Die Krankenschwester ging ums Bett herum und löste die Bremsen, die das Bett hinderten, weggeschoben werden zu können. Als alle Bremsen gelöst waren, rollte die Krankenschwester das Bett aus dem Zimmer, einige Gänge weiter, mal links, mal rechts an den Enden der Gänge.

Charlet war das in dem Moment egal. Die Menschen die ihnen entgegen kamen, waren fast ausschließlich alle weiß gekleidet und fielen vor den weißen Wänden auch nicht weiter auf. Das Mädchen richtete ihren Blick starr geradeaus und ignorierte die weißen Schatten an denen das Bett vorbeirollte. Schließlich öffneten sich zwie große dunkle Türen am Ende eines breiten Ganges und Charlet wurde direkt in das Zimmer geschoben.

Sie blickte sich kurz um, konnte aber nur verschwommen einige helle Fliesen an den Wänden sehen.
 

Als jemand nach ihrer Hand griff, zuckte Charlet zusammen und blickte in die Richtung, aus der die Hand zu kommen schien.

"Keine Angst, es piekst nur kurz."

Tatsächlich spürte Charlet ein kurzes Pieksen, war dann aber schon weg.
 


 

Piep.
 

Piep.
 

Piep.
 


 

Charlet öffnete die Augen. Sie musste einige Male blinzeln, ehe ihr einffiel, wo sie war und weswegen sie hier war. Taumelnd versuchte sie sich aufzurichten, wurde bei dem Versuch aber durch leichtes Runterdrücken daran gehindert.

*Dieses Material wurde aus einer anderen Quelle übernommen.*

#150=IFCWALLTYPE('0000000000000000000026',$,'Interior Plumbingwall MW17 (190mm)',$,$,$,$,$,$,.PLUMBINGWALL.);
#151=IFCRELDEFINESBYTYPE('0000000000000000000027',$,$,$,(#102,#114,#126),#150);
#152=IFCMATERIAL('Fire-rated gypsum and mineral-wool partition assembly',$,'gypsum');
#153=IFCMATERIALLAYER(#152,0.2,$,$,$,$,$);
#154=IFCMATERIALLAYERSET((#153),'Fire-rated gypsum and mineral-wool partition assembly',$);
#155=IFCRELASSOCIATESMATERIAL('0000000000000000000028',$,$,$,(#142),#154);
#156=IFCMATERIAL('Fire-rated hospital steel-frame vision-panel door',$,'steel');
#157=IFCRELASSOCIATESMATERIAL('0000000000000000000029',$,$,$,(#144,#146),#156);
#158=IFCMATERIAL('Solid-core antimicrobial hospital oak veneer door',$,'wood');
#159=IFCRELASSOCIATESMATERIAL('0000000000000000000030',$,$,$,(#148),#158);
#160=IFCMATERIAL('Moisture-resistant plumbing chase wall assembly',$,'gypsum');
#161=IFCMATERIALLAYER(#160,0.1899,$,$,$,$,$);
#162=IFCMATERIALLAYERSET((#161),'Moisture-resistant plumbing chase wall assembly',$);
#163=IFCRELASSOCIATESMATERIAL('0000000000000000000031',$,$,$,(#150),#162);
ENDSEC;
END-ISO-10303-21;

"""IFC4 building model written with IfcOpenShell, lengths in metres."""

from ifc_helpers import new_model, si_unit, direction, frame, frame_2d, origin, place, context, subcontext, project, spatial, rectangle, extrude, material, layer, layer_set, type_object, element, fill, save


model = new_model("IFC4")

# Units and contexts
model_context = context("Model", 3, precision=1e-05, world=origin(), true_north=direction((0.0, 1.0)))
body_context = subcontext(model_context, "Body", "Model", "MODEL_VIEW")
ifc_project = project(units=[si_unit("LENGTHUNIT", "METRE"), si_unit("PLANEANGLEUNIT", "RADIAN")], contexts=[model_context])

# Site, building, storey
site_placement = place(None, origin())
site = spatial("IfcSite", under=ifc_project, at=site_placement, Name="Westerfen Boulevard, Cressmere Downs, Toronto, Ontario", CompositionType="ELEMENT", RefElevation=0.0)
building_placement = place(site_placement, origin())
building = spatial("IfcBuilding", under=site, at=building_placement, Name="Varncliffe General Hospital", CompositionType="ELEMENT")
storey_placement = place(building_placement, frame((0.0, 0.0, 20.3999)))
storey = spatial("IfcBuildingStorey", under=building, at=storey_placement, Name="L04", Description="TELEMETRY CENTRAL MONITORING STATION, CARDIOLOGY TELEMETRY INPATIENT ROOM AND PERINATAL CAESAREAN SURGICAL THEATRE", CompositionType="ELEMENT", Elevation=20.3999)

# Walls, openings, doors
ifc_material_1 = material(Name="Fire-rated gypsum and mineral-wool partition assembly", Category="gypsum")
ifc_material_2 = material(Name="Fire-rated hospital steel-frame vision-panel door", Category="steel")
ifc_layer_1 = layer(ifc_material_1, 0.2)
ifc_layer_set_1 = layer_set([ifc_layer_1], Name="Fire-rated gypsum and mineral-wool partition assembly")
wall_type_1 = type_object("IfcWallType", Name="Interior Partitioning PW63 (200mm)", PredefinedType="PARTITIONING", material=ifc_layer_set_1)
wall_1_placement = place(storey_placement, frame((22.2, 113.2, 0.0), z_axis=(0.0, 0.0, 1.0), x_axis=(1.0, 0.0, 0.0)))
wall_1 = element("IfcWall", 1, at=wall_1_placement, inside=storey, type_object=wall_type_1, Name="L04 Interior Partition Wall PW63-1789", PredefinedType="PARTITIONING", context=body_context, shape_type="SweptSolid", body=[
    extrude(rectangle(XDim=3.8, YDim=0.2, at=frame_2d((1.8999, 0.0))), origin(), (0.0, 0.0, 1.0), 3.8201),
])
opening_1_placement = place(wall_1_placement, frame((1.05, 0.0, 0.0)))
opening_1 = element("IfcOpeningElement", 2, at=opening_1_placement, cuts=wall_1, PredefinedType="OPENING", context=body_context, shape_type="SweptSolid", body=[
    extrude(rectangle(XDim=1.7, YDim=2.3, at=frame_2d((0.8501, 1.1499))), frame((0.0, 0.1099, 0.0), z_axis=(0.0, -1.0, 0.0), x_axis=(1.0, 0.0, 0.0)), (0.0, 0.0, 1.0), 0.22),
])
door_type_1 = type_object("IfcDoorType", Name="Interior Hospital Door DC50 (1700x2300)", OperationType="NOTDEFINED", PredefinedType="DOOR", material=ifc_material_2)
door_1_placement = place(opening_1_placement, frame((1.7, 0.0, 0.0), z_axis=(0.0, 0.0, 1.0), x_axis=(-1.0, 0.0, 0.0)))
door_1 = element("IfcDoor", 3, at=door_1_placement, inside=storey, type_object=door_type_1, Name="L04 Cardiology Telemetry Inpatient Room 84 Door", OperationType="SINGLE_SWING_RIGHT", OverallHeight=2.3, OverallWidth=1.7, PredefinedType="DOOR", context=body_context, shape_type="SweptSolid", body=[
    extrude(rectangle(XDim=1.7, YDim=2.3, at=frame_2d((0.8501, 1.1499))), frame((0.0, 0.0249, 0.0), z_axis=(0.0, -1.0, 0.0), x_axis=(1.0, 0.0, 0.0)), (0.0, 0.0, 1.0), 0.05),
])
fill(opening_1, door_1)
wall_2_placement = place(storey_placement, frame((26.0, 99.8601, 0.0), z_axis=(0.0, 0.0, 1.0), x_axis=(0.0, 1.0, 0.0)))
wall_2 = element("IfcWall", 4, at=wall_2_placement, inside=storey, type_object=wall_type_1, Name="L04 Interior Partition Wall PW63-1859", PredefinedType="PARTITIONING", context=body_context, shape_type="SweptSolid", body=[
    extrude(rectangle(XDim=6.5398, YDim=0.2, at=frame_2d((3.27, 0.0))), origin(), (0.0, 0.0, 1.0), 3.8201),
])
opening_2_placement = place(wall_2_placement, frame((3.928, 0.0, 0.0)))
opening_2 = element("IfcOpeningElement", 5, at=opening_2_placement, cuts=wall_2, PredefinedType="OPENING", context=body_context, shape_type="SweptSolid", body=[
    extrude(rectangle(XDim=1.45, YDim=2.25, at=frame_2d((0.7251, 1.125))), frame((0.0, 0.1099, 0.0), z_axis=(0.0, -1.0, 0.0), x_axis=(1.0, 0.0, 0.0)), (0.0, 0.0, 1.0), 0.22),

"Was...?", brachte Charlet nach einigen Versuchen hervor.

"Die OP ist gut verlaufen."

"Was??"

"Du wirst in Zukunft ohne den Rollstuhl zurecht kommen können."

Die Stimme gehörte ihrer Mutter, das erkannte Charlet nun. Fassungslo blickte das Mädchen an die Zimmerdecke. "Ich... kann laufen...?"

Ein Lächeln machte sich langsam in ihrem Gesicht breit.

"Ja, aber bis zu dem Tag an dem du wieder wirst laufen können, musst du noch ein paar Mal untersucht werden und trainiert werden, dann wirst du laufen können."
 


 


 

Drei Jahre später...

Charlet blickte verträumt aus dem Fenster. Genau heute vor drei Jahren war sie aufgewacht und war erzählt bekommen, dass es ihr möglich sein würde zu laufen.

Vorsichtig setzte sie sich auf und schwang ihre Beine aus dem Bett, blieb auf der Bettkante aber sitzen. Sie dachte kurz darüber nach, wie sie ihre komplette Kindheit im Rollstuhl verbracht hatte, ehe sie leichtfüßig aufstand. Ein leises Lachen entfuhr ihr dabei. Sie drehte sich kurz und hüpfte dann ins Badezimmer. Ihr alltägliches Ritual am Morgen seit dem Tag, an dem es ihr möglich geworden war, aus eigener Kraft zu stehen und zu laufen.